Netgate Discussion Forum
    • Categories
    • Recent
    • Tags
    • Popular
    • Users
    • Search
    • Register
    • Login

    SG-4860 crashing daily

    Scheduled Pinned Locked Moved General pfSense Questions
    16 Posts 2 Posters 1.6k Views 2 Watching
    Loading More Posts
    • Oldest to Newest
    • Newest to Oldest
    • Most Votes
    Reply
    • Reply as topic
    Log in to reply
    This topic has been deleted. Only users with topic management privileges can see it.
    • H Offline
      homer2320776
      last edited by homer2320776

      I'm not exactly sure when this started, but I hadn't logged into the UI for a bit and saw the crash reports and downloaded the files.

      I'm thinking its related to Wireguard or Tailscale but i'm not 100%.

      textdump.tar.0

      1 Reply Last reply Reply Quote 0
      • stephenw10S Offline
        stephenw10 Netgate Administrator
        last edited by

        Important parts are:

        db:0:kdb.enter.default>  bt
        Tracing pid 35301 tid 100294 td 0xfffff8017297e740
        kdb_enter() at kdb_enter+0x37/frame 0xfffffe004d3c97d0
        vpanic() at vpanic+0x194/frame 0xfffffe004d3c9820
        panic() at panic+0x43/frame 0xfffffe004d3c9880
        trap_fatal() at trap_fatal+0x38f/frame 0xfffffe004d3c98e0
        calltrap() at calltrap+0x8/frame 0xfffffe004d3c98e0
        --- trap 0x9, rip = 0xffffffff8120594b, rsp = 0xfffffe004d3c99b0, rbp = 0xfffffe004d3c99c0 ---
        vm_radix_remove() at vm_radix_remove+0x1b/frame 0xfffffe004d3c99c0
        vm_page_free_prep() at vm_page_free_prep+0x55/frame 0xfffffe004d3c99e0
        vm_page_free_toq() at vm_page_free_toq+0x12/frame 0xfffffe004d3c9a10
        vm_object_page_remove() at vm_object_page_remove+0x61/frame 0xfffffe004d3c9a70
        vm_map_entry_delete() at vm_map_entry_delete+0xff/frame 0xfffffe004d3c9ac0
        vm_map_delete() at vm_map_delete+0x184/frame 0xfffffe004d3c9b20
        vm_map_remove() at vm_map_remove+0xab/frame 0xfffffe004d3c9b50
        vmspace_exit() at vmspace_exit+0xcb/frame 0xfffffe004d3c9b90
        exit1() at exit1+0x51c/frame 0xfffffe004d3c9bf0
        sys_sys_exit() at sys_sys_exit+0xd/frame 0xfffffe004d3c9c00
        amd64_syscall() at amd64_syscall+0x387/frame 0xfffffe004d3c9d30
        fast_syscall_common() at fast_syscall_common+0xf8/frame 0xfffffe004d3c9d30
        --- syscall (1, FreeBSD ELF64, sys_sys_exit), rip = 0x8003eb74a, rsp = 0x7fffffffeb38, rbp = 0x7fffffffeb50 ---
        
        Fatal trap 9: general protection fault while in kernel mode
        cpuid = 3; apic id = 06
        instruction pointer	= 0x20:0xffffffff8120594b
        stack pointer	        = 0x28:0xfffffe004d3c99b0
        frame pointer	        = 0x28:0xfffffe004d3c99c0
        code segment		= base 0x0, limit 0xfffff, type 0x1b
        			= DPL 0, pres 1, long 1, def32 0, gran 1
        processor eflags	= interrupt enabled, resume, IOPL = 0
        current process		= 35301 (egrep)
        trap number		= 9
        panic: general protection fault
        cpuid = 3
        time = 1659503270
        KDB: enter: panic
        

        Neither of which point to anything specific unfortunately.

        Are the crash reports always identical?

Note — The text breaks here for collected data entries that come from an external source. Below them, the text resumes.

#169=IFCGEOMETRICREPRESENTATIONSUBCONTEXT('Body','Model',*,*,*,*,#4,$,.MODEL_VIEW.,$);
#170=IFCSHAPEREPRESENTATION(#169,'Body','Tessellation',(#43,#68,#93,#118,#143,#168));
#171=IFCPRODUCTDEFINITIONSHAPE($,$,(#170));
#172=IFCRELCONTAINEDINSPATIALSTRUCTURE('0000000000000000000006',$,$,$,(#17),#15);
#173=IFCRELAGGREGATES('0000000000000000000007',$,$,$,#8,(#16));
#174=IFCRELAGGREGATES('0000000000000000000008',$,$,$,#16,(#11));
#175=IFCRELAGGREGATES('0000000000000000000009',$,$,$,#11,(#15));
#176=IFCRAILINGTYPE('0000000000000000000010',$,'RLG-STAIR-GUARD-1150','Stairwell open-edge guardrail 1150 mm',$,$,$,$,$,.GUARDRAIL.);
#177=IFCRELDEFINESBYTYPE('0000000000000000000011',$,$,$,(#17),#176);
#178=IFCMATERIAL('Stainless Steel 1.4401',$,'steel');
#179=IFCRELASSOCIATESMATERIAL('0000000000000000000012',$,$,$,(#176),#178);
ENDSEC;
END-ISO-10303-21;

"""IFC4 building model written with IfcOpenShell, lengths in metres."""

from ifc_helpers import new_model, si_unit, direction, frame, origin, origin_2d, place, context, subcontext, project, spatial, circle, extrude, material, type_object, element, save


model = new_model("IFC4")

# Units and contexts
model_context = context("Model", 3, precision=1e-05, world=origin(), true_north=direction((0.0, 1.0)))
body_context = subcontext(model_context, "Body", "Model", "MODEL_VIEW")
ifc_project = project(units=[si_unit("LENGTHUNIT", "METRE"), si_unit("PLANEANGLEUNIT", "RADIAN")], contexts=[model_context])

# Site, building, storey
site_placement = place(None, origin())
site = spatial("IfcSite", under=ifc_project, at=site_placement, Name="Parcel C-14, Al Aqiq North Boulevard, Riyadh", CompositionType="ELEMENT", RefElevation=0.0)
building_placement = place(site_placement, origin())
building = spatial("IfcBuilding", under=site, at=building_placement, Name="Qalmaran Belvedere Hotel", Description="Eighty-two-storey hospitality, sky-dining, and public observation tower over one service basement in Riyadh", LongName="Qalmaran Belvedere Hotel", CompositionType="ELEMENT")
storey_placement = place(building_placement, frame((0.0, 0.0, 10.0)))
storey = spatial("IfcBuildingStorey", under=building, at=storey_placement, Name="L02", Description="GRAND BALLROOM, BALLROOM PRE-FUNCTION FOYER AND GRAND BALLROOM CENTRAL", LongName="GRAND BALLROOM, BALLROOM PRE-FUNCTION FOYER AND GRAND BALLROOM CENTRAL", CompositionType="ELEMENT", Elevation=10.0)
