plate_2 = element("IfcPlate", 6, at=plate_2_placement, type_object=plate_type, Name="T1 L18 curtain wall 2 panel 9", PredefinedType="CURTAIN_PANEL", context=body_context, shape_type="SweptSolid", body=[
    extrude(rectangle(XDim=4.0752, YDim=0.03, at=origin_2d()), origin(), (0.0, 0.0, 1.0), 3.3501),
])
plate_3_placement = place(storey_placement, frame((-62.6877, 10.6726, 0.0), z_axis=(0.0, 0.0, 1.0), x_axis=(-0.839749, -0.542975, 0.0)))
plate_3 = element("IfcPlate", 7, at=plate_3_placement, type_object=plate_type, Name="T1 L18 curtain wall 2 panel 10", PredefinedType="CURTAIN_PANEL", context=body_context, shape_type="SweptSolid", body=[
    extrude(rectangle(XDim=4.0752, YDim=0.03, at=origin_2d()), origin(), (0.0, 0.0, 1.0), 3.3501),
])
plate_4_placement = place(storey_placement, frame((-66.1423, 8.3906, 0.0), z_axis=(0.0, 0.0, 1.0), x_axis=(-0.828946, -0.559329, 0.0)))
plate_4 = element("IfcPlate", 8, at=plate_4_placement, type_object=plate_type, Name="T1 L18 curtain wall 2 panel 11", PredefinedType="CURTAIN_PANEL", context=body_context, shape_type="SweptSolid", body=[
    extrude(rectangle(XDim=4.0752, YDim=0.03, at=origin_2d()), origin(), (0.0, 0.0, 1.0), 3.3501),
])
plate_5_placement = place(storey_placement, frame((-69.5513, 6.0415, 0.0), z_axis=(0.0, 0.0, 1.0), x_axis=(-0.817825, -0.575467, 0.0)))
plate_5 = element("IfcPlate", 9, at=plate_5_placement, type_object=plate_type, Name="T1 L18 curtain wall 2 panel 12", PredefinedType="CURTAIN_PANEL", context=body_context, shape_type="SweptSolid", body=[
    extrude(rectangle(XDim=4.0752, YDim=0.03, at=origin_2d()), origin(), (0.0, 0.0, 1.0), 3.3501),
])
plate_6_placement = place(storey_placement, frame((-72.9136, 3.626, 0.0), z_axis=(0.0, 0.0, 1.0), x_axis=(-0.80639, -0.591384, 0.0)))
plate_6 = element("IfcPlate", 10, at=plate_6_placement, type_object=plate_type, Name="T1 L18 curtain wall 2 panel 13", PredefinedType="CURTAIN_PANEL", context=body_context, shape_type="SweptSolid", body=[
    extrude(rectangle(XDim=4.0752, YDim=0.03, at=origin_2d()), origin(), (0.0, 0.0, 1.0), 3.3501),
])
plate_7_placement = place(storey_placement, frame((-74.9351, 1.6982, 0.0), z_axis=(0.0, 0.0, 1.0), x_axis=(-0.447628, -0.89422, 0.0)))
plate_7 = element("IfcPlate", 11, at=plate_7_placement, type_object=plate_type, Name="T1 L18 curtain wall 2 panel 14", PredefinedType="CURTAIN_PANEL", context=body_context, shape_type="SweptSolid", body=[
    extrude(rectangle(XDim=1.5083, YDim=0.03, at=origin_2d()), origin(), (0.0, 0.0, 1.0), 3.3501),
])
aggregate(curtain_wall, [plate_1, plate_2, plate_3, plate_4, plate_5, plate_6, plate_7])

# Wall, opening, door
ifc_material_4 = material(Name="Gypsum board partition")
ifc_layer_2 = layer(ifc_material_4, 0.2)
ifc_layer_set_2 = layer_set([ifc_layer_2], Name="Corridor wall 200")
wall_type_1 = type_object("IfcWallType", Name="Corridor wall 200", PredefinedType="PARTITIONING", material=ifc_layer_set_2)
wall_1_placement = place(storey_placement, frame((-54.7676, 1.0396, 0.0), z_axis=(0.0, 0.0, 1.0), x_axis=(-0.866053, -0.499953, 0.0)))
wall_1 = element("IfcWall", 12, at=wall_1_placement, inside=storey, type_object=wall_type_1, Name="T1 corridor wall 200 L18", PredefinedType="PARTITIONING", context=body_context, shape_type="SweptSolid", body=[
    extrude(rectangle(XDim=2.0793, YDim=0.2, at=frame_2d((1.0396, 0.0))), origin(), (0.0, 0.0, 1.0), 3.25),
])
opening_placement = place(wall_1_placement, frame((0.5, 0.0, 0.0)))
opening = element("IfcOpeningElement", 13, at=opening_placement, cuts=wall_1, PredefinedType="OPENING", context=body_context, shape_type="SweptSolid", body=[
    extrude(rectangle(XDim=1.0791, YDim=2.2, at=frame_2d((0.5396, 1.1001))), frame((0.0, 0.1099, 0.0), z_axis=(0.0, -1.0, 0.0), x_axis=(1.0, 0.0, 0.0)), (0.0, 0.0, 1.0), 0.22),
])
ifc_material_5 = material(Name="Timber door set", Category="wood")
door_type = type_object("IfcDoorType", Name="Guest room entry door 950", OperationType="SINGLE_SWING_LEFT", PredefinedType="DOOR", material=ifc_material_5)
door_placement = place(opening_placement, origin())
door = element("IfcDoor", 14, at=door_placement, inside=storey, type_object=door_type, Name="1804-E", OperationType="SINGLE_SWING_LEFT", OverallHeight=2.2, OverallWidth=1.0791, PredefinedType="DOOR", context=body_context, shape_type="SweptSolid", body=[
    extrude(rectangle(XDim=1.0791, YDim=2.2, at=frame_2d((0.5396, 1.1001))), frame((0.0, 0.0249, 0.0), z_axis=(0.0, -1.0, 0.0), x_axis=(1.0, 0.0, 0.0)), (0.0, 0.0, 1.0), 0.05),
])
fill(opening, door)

Or close to it?

        Steve

        H 1 Reply Last reply Reply Quote 0
        • H Offline
          homer2320776 @stephenw10
          last edited by

          @stephenw10 Thanks for the quick reply. I'm attaching 2 older reports and will collect future ones.

          textdump.tar
          textdump1.tar

          1 Reply Last reply Reply Quote 0
          • stephenw10S Offline
            stephenw10 Netgate Administrator
            last edited by

            One of those appears to be the same file you posted earlier. The other one is different though:

            db:0:kdb.enter.default>  bt
            Tracing pid 89157 tid 100203 td 0xfffff8017e1a2000
            kdb_enter() at kdb_enter+0x37/frame 0xfffffe004cdc4ab0
            vpanic() at vpanic+0x194/frame 0xfffffe004cdc4b00
            panic() at panic+0x43/frame 0xfffffe004cdc4b60
            trap_fatal() at trap_fatal+0x38f/frame 0xfffffe004cdc4bc0
            trap_pfault() at trap_pfault+0x4f/frame 0xfffffe004cdc4c20
            trap() at trap+0x425/frame 0xfffffe004cdc4d30
            calltrap() at calltrap+0x8/frame 0xfffffe004cdc4d30
            --- trap 0xc, rip = 0x8004ed10c, rsp = 0x7fffdfffdd60, rbp = 0x7fffdfffddc0 ---
            
            Fatal trap 12: page fault while in user mode
            cpuid = 2; apic id = 04
            fault virtual address	= 0x800a008c8
            fault code		= user read data, reserved bits in PTE
            instruction pointer	= 0x43:0x8004ed10c
            stack pointer	        = 0x3b:0x7fffdfffdd60
            frame pointer	        = 0x3b:0x7fffdfffddc0
            code segment		= base 0x0, limit 0xfffff, type 0x1b
            			= DPL 3, pres 1, long 1, def32 0, gran 1
            processor eflags	= interrupt enabled, resume, IOPL = 0
            current process		= 89157 (charon)
            trap number		= 12
            panic: page fault
            cpuid = 2
            time = 1659406768
            KDB: enter: panic
            

            Very different crash reports like that starts to look like a hardware issue.

            You think this started happening after installing Wireguard?

            Or after upgrading to 22.05 maybe?

            Steve

            H 1 Reply Last reply Reply Quote 0
            • H Offline
              homer2320776 @stephenw10
              last edited by

              @stephenw10 I found some more crash logs that I had sent to myself over Telegram. Hopefully these might shed some light.

              textdump0.tar
              textdump1.tar
              textdump2.tar

              1 Reply Last reply Reply Quote 0
              • stephenw10S Offline
                stephenw10 Netgate Administrator
                last edited by

                Mmm, those are all different. That is looking more like a memory fault unfortunately.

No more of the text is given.